Der grüne Milliardär

Guilherme Leal hat den Sprung in die große Politik gewagt: Der 60-jährige Vorzeigekapitalist aus São Paulo bewirbt sich um das Amt des brasilianischen Vizepräsidenten. Von ihrem „Traumvize“ erhofft sich die Grüne Marina Silva neuen Schwung für die Präsidentschaftswahl im Oktober.

Es wird nicht leicht für das Gespann: Umfragen räumen der früheren Umweltministerin gerade mal 10 Prozent ein, weit hinter Dilma Rousseff von der regierenden Arbeiterpartei und dem rechten Sozialdemokraten José Serra.
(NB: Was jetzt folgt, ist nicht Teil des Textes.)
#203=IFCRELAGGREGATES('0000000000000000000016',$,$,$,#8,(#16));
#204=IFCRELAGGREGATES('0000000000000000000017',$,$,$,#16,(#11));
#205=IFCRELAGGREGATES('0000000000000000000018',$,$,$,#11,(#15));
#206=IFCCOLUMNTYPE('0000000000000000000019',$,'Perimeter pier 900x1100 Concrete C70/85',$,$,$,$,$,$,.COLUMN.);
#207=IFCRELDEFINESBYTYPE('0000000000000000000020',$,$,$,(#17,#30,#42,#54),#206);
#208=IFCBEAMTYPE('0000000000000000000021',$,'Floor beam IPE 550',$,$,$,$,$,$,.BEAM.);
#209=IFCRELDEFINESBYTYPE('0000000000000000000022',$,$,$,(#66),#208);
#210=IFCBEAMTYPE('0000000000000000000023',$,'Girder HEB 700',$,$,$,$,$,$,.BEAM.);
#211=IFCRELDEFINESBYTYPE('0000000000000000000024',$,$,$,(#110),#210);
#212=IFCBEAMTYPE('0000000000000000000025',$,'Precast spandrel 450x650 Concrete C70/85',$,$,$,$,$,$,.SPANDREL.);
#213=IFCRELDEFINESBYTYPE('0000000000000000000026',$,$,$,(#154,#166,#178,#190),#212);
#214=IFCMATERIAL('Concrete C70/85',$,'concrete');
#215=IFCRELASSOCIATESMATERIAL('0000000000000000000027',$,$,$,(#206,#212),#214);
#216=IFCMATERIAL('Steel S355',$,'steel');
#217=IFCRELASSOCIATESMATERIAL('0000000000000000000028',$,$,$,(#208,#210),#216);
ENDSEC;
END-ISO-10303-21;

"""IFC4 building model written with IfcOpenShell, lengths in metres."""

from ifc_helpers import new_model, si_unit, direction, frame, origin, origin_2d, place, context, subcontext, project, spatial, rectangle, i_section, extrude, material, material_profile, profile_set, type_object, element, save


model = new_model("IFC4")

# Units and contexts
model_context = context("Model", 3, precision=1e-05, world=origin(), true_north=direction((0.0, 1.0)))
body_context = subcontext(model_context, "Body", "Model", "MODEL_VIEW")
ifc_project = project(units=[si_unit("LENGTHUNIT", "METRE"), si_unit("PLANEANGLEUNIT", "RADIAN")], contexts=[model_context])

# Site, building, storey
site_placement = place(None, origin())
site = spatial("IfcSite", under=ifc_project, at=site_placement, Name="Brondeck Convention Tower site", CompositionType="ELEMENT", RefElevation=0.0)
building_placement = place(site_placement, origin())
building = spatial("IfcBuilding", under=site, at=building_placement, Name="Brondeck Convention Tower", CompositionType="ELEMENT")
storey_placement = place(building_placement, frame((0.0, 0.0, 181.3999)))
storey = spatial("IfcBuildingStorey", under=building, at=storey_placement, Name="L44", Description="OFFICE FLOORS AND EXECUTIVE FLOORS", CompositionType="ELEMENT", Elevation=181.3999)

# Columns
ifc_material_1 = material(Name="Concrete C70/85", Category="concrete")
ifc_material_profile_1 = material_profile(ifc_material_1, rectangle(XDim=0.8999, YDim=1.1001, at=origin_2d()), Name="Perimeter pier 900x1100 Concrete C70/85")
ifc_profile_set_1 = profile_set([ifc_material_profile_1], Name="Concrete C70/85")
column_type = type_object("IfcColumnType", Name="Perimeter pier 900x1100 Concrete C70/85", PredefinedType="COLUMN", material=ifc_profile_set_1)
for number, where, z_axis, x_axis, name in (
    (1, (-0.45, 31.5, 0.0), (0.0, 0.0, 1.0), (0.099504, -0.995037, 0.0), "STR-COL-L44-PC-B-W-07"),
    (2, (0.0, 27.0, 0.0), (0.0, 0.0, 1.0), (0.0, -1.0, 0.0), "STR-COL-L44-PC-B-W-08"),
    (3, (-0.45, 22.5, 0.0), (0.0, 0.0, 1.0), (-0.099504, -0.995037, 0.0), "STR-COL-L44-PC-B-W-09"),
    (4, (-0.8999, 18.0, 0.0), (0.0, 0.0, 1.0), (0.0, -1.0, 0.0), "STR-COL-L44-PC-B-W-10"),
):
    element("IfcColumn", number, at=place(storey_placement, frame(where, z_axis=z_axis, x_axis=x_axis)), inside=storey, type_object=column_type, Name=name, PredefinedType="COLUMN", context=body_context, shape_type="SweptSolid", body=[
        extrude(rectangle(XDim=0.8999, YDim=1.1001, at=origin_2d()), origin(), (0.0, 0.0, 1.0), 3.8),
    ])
Mit ihrem Vize und einem Antikorruptionsdiskurs zielt Silva auf die urbane Mittelschicht.

Leals Vermögen schätzt das US-Magazin Forbes wegen seiner Anteile an dem Kosmetikmulti Natura auf 2,1 Milliarden Dollar. Der fünffache Vater hat eine Bilderbuchkarriere hinter sich: Das BWL-Studium finanzierte sich der Beamtensohn durch Jobs, nach vier Jahren bei der Eisenbahngesellschaft gründete er eine kleine Kosmetikfirma. Schon bald organisierte er den Vertrieb von Seifen, Hautcremes, Shampoos, Schminke und Parfums über ein landesweites Netzwerk von Direktverkäuferinnen – heute sind es 800.000.
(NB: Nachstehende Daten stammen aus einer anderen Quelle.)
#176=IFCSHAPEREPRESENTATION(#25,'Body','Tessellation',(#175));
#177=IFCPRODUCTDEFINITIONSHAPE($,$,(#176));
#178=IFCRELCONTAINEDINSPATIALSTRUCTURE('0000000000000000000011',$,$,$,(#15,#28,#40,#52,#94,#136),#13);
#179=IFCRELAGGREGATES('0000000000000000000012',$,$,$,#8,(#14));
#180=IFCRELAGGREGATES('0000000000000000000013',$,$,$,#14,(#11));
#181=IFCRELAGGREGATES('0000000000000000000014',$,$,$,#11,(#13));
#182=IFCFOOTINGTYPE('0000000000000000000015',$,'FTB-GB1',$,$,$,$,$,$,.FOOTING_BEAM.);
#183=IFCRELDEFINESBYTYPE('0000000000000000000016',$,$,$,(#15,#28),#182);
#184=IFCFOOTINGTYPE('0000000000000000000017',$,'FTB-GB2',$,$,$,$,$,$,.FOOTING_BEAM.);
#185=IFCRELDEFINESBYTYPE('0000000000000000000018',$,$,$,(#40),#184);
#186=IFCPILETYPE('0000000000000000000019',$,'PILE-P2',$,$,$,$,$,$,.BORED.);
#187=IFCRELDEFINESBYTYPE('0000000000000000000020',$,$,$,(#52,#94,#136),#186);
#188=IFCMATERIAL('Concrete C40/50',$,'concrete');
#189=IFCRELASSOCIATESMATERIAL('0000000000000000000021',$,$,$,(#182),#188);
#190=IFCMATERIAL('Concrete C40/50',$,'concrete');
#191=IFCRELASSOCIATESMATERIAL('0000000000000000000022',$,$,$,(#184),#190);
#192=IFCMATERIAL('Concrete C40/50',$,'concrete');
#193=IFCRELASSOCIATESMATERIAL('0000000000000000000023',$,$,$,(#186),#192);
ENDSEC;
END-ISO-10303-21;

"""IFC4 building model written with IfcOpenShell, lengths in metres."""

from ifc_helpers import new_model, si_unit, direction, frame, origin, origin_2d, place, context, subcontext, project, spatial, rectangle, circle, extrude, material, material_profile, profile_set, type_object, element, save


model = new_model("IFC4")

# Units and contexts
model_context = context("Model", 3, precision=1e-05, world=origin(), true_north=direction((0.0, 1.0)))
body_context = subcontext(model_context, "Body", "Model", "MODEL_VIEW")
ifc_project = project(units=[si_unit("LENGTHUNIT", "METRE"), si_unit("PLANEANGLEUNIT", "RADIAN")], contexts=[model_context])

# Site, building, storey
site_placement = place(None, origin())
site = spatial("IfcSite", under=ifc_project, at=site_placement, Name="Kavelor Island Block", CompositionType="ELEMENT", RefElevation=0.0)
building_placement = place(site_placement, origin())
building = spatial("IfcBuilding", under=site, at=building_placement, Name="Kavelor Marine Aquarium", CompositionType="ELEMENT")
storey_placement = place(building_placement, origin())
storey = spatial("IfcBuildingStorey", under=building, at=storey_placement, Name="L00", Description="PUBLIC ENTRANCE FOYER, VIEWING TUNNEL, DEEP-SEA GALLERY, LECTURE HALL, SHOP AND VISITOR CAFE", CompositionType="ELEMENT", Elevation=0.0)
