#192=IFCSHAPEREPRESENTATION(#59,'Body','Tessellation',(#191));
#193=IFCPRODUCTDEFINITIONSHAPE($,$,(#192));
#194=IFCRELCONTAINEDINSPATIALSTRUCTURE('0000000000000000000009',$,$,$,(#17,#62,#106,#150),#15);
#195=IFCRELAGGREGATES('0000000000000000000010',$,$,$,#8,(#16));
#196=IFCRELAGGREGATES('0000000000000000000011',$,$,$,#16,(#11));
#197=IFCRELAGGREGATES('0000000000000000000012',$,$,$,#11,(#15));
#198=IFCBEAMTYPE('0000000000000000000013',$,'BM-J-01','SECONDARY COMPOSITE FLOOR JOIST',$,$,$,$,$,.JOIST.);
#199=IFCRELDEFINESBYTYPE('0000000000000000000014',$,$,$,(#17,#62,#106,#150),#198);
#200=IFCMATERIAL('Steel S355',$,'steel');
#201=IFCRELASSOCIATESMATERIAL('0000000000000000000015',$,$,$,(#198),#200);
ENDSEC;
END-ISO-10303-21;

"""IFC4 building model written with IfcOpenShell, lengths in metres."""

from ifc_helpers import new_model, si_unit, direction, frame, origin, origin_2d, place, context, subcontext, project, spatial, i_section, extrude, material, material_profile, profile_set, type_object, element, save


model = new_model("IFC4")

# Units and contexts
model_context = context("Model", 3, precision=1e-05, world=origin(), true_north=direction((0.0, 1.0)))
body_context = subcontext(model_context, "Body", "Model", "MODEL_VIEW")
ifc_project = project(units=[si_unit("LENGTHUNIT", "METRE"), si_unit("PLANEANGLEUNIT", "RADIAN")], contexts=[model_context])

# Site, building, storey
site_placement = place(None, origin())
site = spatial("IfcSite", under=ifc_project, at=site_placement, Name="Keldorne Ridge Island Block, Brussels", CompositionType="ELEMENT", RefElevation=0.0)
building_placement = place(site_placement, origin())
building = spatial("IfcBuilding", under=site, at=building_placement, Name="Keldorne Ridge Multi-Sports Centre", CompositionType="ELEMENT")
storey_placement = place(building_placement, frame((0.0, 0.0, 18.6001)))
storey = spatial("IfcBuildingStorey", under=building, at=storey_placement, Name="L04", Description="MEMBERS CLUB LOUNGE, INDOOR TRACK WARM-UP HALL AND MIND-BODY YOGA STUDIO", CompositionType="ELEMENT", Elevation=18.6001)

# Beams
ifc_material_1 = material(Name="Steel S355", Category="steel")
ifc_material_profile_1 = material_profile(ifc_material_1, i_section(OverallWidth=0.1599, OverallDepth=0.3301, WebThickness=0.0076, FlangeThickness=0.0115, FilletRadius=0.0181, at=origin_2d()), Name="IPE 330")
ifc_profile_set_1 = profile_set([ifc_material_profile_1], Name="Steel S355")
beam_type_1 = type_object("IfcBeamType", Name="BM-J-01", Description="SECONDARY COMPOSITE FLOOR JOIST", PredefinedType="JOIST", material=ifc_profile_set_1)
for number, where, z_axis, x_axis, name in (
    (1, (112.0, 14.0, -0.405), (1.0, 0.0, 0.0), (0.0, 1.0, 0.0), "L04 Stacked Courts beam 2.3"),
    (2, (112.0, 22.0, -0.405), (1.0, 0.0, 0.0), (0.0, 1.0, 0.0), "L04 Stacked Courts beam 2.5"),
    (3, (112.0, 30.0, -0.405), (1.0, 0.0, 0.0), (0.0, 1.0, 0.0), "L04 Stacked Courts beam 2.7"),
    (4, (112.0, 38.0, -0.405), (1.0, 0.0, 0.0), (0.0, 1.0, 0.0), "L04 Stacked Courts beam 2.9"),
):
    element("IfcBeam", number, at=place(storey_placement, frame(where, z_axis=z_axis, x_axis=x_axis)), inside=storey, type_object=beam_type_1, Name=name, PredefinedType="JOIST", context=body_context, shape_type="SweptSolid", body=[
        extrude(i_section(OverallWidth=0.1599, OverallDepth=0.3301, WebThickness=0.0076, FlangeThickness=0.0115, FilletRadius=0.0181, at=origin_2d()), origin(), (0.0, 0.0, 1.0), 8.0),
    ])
Schon Anfang der 90er-Jahre schrieben sich die Natura-Manager Umwelt- und Sozialverträglichkeit auf ihre Fahnen. 1998 gehörte Leal zu den Gründern des Instituto Ethos, einer Wurzel des Weltsozialforums und auch der „Bewegung Unser São Paulo: Eine andere Stadt“. Er ist von der Bedeutung einer „gut organisierten Zivilgesellschaft“ überzeugt, die fast ausschließliche Förderung des Individualverkehrs findet er irrational. Klimawandel und Weltwirtschaftskrise lassen ihn für einen „neuen, kohlenstoffarmen Entwicklungsweg“ werben. Mit seinem Ressourcenpotenzial habe Brasilien das Zeug zum Vorreiter, doch die Regierung vergebe diese Chance.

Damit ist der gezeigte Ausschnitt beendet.